The plans for the new season were interrupted and the league, which was to start on October 2, 1948, had to be postponed to allow more time for negotiation.

At the end, the Services relented and gave their permission to the players to take part in civilian football but reserved first right on the player.

This ban did not affect the clubs in the league and FA Trophy because Service teams did not participate in these competitions. However, in the Cassar Cup and representative matches, civilian clubs were placed at a great disadvantage.

Sliema Wanderers and Ħamrun Spartans found themselves with their backs to the wall when they met the Navy and Army teams respectively in the Cassar Cup semi-finals.

The ban on Service players undermined both teams. They tried to make up for this with guest players but this was not the same as using one’s own.

The Cassar Cup semi-finals were played over the weekend of May 1 and 2.

The Navy, with a team composed of only English players, sprung a surprise when they beat league champions Sliema 2-1.

The Wanderers never looked like losing but the sailors struck two quick blows in the first period and then put up a stout-hearted defence in the second period.

Holmes, in goal, was in great form and it was mainly thanks to him that the Wanderers were thwarted from reaching the final.

The next day, Ħamrun faced an Army team made up almost entirely of RMA players.

The Army, champions and cup winners, had a formidable team at the time.

Still, the Spartans were not in awe of their opponents. They shared play and after a somewhat even first half, forced the pace after the break.

At the end of the 90 minutes the score was even at 2-2 and although extra-time was played, it remained unchanged.

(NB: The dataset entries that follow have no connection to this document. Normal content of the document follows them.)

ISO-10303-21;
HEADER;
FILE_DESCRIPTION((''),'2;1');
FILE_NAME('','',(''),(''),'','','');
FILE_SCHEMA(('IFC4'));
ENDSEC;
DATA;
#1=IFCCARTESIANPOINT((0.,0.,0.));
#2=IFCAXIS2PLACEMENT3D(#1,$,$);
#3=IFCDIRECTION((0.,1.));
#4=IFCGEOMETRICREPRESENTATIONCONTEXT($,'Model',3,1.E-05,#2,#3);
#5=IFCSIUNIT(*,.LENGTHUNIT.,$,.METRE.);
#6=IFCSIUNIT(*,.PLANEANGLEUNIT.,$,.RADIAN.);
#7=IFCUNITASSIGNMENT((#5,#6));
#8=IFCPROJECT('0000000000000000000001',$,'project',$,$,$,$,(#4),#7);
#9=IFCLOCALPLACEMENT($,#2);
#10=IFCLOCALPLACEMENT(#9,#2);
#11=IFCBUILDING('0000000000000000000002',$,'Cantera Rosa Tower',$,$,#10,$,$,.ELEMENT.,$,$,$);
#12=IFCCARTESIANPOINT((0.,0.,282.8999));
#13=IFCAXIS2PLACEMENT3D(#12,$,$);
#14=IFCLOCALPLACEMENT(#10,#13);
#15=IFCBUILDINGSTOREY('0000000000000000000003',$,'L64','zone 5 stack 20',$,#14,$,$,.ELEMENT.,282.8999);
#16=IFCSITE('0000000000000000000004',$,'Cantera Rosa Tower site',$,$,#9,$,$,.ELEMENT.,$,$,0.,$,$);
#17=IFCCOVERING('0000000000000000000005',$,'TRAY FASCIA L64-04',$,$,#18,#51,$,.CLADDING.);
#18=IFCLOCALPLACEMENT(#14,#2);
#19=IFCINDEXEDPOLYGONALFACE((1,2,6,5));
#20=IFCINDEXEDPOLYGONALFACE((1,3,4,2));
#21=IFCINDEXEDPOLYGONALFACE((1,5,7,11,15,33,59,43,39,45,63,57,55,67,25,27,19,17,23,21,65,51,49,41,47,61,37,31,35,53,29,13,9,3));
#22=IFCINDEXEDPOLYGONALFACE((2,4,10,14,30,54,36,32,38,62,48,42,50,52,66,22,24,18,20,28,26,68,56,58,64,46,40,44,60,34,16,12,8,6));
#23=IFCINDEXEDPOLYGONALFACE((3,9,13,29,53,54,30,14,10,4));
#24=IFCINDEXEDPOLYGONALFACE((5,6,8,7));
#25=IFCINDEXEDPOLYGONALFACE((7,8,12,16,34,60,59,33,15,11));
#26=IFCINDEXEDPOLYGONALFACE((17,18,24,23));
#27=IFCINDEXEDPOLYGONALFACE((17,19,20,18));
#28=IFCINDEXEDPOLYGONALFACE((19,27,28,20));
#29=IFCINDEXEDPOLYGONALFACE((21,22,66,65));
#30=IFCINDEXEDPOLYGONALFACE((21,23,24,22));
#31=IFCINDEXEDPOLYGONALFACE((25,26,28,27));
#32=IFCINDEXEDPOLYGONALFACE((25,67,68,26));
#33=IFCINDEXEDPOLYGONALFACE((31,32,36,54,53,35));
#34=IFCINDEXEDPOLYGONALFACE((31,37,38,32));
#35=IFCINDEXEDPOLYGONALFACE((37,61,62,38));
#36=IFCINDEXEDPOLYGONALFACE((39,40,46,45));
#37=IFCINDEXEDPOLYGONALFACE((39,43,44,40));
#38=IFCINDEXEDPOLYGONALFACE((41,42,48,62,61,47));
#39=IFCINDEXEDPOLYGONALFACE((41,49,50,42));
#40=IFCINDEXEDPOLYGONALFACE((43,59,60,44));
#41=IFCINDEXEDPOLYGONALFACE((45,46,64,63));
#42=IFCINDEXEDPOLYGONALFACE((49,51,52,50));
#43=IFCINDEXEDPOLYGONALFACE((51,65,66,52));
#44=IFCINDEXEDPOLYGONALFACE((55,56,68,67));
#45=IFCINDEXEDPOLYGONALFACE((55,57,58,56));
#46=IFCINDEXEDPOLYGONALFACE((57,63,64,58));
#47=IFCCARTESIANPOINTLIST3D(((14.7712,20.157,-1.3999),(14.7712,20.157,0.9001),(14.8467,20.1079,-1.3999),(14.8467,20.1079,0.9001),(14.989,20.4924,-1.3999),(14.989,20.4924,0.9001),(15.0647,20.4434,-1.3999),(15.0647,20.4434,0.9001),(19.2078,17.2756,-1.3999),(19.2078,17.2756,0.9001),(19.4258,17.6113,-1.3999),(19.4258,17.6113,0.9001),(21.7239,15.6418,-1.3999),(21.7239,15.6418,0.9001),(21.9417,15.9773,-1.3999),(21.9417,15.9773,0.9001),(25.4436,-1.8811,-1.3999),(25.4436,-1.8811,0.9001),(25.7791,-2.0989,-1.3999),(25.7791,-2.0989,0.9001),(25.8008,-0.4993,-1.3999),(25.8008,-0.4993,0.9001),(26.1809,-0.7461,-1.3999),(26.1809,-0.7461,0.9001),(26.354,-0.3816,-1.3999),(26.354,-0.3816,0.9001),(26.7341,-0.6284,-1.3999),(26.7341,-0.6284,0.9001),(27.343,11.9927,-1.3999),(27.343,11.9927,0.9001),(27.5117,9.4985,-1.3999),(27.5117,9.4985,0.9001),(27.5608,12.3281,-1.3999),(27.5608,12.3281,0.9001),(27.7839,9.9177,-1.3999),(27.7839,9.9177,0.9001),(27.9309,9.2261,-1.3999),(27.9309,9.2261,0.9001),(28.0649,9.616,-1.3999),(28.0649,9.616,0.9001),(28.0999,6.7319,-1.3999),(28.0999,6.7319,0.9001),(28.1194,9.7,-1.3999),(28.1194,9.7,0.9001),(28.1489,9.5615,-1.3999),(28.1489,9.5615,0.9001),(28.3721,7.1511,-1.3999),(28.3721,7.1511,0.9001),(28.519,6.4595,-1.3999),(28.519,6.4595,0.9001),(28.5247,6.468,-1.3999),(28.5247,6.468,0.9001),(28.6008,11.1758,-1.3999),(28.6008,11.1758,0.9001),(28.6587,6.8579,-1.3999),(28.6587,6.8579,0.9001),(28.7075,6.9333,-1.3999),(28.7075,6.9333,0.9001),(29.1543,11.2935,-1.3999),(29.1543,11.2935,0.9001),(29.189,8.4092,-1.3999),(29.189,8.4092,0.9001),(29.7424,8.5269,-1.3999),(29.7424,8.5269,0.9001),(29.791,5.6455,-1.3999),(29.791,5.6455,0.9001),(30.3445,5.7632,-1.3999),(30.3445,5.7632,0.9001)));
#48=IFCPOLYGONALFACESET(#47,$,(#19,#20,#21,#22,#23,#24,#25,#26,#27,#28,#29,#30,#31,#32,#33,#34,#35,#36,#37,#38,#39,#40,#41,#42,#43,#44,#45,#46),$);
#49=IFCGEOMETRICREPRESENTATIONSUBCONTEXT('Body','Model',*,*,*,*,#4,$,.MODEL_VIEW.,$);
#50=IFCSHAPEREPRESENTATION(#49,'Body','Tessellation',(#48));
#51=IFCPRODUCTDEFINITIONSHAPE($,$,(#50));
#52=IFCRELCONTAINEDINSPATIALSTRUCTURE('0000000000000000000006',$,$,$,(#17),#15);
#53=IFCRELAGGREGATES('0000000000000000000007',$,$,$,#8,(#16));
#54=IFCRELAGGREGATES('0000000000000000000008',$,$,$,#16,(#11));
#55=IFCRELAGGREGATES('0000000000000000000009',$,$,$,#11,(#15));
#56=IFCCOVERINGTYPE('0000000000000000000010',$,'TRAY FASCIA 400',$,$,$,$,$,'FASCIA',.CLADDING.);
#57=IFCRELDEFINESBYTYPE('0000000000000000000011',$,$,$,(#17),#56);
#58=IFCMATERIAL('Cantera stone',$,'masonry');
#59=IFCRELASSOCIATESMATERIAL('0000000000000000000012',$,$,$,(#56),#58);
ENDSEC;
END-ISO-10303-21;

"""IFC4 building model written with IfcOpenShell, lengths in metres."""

from ifc_helpers import new_model, si_unit, direction, frame, origin, place, context, subcontext, project, spatial, polyline, outline, extrude, material, type_object, element, save


model = new_model("IFC4")

# Units and contexts
model_context = context("Model", 3, precision=1e-05, world=origin(), true_north=direction((0.0, 1.0)))
body_context = subcontext(model_context, "Body", "Model", "MODEL_VIEW")
ifc_project = project(units=[si_unit("LENGTHUNIT", "METRE"), si_unit("PLANEANGLEUNIT", "RADIAN")], contexts=[model_context])

# Site, building, storey
site_placement = place(None, origin())
site = spatial("IfcSite", under=ifc_project, at=site_placement, Name="Cantera Rosa Tower site", CompositionType="ELEMENT", RefElevation=0.0)
building_placement = place(site_placement, origin())
building = spatial("IfcBuilding", under=site, at=building_placement, Name="Cantera Rosa Tower", CompositionType="ELEMENT")
storey_placement = place(building_placement, frame((0.0, 0.0, 282.8999)))
storey = spatial("IfcBuildingStorey", under=building, at=storey_placement, Name="L64", Description="zone 5 stack 20", CompositionType="ELEMENT", Elevation=282.8999)

# Covering
ifc_material_1 = material(Name="Cantera stone", Category="masonry")
covering_type_1 = type_object("IfcCoveringType", Name="TRAY FASCIA 400", ElementType="FASCIA", PredefinedType="CLADDING", material=ifc_material_1)
covering_1_placement = place(storey_placement, frame((0.0, 0.0, -1.3999)))
element("IfcCovering", 1, at=covering_1_placement, inside=storey, type_object=covering_type_1, Name="TRAY FASCIA L64-04", PredefinedType="CLADDING", context=body_context, shape_type="SweptSolid", body=[
    extrude(outline(polyline([(15.0647, 20.4434), (19.4258, 17.6113), (21.9417, 15.9773), (27.5608, 12.3281), (29.1543, 11.2935), (28.1194, 9.7), (28.0649, 9.616), (28.1489, 9.5615), (29.7424, 8.5269), (28.7075, 6.9333), (28.6587, 6.8579), (30.3445, 5.7632), (26.354, -0.3816), (26.7341, -0.6284), (25.7791, -2.0989), (25.4436, -1.8811), (26.1809, -0.7461), (25.8008, -0.4993), (29.791, 5.6455), (28.5247, 6.468), (28.519, 6.4595), (28.0999, 6.7319), (28.3721, 7.1511), (29.189, 8.4092), (27.9309, 9.2261), (27.5117, 9.4985), (27.7839, 9.9177), (28.6008, 11.1758), (27.343, 11.9927), (21.7239, 15.6418), (19.2078, 17.2756), (14.8467, 20.1079), (14.7712, 20.157), (14.989, 20.4924), (15.0647, 20.4434)])), origin(), (0.0, 0.0, 1.0), 2.3),
])

save(model, "model.ifc")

The match was replayed on May 4 but what promised to be a first-class game was marred by poor refereeing. There was no doubt that Ħamrun deserved to win but the 4-0 score did not reflect the run of play.

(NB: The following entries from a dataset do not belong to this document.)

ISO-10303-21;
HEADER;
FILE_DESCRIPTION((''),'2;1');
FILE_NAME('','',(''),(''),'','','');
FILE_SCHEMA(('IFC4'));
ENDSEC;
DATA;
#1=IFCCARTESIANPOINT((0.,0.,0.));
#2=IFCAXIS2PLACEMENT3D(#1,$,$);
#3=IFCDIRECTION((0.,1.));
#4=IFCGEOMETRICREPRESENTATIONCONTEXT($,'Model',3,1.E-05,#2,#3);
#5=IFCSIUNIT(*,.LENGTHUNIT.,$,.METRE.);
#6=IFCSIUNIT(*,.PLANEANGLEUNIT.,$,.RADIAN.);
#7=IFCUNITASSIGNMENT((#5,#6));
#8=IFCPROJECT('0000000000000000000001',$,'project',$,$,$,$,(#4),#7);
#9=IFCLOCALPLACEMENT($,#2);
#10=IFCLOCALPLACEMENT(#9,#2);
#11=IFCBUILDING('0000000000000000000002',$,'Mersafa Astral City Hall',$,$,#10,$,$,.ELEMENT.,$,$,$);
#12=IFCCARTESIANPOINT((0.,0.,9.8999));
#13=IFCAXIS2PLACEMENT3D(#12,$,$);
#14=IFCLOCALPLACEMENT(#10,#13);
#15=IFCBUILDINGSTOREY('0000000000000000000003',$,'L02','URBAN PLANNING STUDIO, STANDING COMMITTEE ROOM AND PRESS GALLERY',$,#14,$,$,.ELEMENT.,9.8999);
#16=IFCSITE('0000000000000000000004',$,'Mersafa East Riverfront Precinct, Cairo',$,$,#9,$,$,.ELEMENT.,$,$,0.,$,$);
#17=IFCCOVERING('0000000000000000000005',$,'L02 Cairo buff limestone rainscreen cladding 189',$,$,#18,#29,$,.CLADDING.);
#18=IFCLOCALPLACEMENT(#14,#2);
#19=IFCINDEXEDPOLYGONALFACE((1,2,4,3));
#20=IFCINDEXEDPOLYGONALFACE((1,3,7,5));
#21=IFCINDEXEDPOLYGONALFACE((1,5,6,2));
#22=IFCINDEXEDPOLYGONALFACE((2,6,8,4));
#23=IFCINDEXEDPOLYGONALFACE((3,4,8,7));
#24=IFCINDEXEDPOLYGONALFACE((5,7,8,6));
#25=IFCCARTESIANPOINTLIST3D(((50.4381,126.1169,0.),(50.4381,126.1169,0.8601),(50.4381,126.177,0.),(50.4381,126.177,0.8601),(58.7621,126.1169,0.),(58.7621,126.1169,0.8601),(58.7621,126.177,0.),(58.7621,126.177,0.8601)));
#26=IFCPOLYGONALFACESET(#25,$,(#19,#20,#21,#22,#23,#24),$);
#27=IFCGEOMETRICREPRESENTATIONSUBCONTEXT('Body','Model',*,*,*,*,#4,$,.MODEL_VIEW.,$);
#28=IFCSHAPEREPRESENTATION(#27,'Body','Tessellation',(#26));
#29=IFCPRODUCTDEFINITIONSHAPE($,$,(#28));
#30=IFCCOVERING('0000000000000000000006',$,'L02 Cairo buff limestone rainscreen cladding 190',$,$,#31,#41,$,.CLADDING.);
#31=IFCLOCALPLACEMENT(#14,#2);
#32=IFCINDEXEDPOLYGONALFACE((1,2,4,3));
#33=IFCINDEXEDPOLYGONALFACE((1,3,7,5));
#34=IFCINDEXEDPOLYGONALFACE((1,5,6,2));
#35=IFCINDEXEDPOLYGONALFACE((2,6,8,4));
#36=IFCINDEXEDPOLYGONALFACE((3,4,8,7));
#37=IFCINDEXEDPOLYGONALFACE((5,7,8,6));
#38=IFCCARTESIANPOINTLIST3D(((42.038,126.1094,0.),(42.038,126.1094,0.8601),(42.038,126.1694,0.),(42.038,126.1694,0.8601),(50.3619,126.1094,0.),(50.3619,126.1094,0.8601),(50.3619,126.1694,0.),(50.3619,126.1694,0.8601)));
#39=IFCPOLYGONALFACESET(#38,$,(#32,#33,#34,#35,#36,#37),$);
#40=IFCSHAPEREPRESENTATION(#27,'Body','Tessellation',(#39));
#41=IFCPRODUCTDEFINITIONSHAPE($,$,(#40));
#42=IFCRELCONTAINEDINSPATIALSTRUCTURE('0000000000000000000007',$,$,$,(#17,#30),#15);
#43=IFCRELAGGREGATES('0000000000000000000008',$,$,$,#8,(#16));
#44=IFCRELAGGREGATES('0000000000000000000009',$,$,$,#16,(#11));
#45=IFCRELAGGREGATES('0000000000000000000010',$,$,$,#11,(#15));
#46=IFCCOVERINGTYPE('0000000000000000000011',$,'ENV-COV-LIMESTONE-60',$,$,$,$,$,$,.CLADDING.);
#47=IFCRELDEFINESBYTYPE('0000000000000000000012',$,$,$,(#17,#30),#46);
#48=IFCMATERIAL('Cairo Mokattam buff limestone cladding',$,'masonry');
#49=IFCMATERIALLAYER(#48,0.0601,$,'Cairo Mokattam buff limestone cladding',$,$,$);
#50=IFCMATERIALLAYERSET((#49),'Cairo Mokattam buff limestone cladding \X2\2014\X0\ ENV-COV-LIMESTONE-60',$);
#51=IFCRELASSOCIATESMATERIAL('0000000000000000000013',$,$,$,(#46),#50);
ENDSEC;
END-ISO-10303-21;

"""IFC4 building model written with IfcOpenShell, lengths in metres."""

from ifc_helpers import new_model, si_unit, direction, frame, origin, origin_2d, place, context, subcontext, project, spatial, rectangle, extrude, material, layer, layer_set, type_object, element, save


model = new_model("IFC4")

# Units and contexts
model_context = context("Model", 3, precision=1e-05, world=origin(), true_north=direction((0.0, 1.0)))
body_context = subcontext(model_context, "Body", "Model", "MODEL_VIEW")
ifc_project = project(units=[si_unit("LENGTHUNIT", "METRE"), si_unit("PLANEANGLEUNIT", "RADIAN")], contexts=[model_context])

# Site, building, storey
site_placement = place(None, origin())
site = spatial("IfcSite", under=ifc_project, at=site_placement, Name="Mersafa East Riverfront Precinct, Cairo", CompositionType="ELEMENT", RefElevation=0.0)
building_placement = place(site_placement, origin())
building = spatial("IfcBuilding", under=site, at=building_placement, Name="Mersafa Astral City Hall", CompositionType="ELEMENT")
storey_placement = place(building_placement, frame((0.0, 0.0, 9.8999)))
storey = spatial("IfcBuildingStorey", under=building, at=storey_placement, Name="L02", Description="URBAN PLANNING STUDIO, STANDING COMMITTEE ROOM AND PRESS GALLERY", CompositionType="ELEMENT", Elevation=9.8999)

# Coverings
ifc_material_1 = material(Name="Cairo Mokattam buff limestone cladding", Category="masonry")
ifc_layer_1 = layer(ifc_material_1, 0.0601, Name="Cairo Mokattam buff limestone cladding")
ifc_layer_set_1 = layer_set([ifc_layer_1], Name="Cairo Mokattam buff limestone cladding — ENV-COV-LIMESTONE-60")
covering_type = type_object("IfcCoveringType", Name="ENV-COV-LIMESTONE-60", PredefinedType="CLADDING", material=ifc_layer_set_1)
for number, where, z_axis, x_axis, name in (
    (1, (54.6001, 126.147, 0.0), (0.0, 0.0, 1.0), (-1.0, 0.0, 0.0), "L02 Cairo buff limestone rainscreen cladding 189"),
    (2, (46.2, 126.1394, 0.0), (0.0, 0.0, 1.0), (-1.0, 0.0, 0.0), "L02 Cairo buff limestone rainscreen cladding 190"),
):
    element("IfcCovering", number, at=place(storey_placement, frame(where, z_axis=z_axis, x_axis=x_axis)), inside=storey, type_object=covering_type, Name=name, PredefinedType="CLADDING", context=body_context, shape_type="SweptSolid", body=[
        extrude(rectangle(XDim=8.324, YDim=0.0601, at=origin_2d()), origin(), (0.0, 0.0, 1.0), 0.8601),
    ])

save(model, "model.ifc")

Some strange decisions by referee Walter Gatt, however, made things difficult for the Army team on the day.

At least, on two occasions the soldiers were denied clear-cut penalties which, had they been given, would surely have altered the course of the game.

Fortunately there were no controversies in the cup final.

Ħamrun made short shrift of the feeble challenge put up by the Navy.

The Spartans won the contest5-1 and their devastating form literally swept their opponents off their feet.

Ħamrun could have won by a wider margin had the woodwork not come to the aid of goalkeeper Holmes.

All the Spartans players performed admirably but the best was surely Ġużi Buttigieg, who scored four of the goals, and the inspirational Romeo Vassallo.

At the end, both players received a huge cheer from the crowd as they stepped up to receive their medals.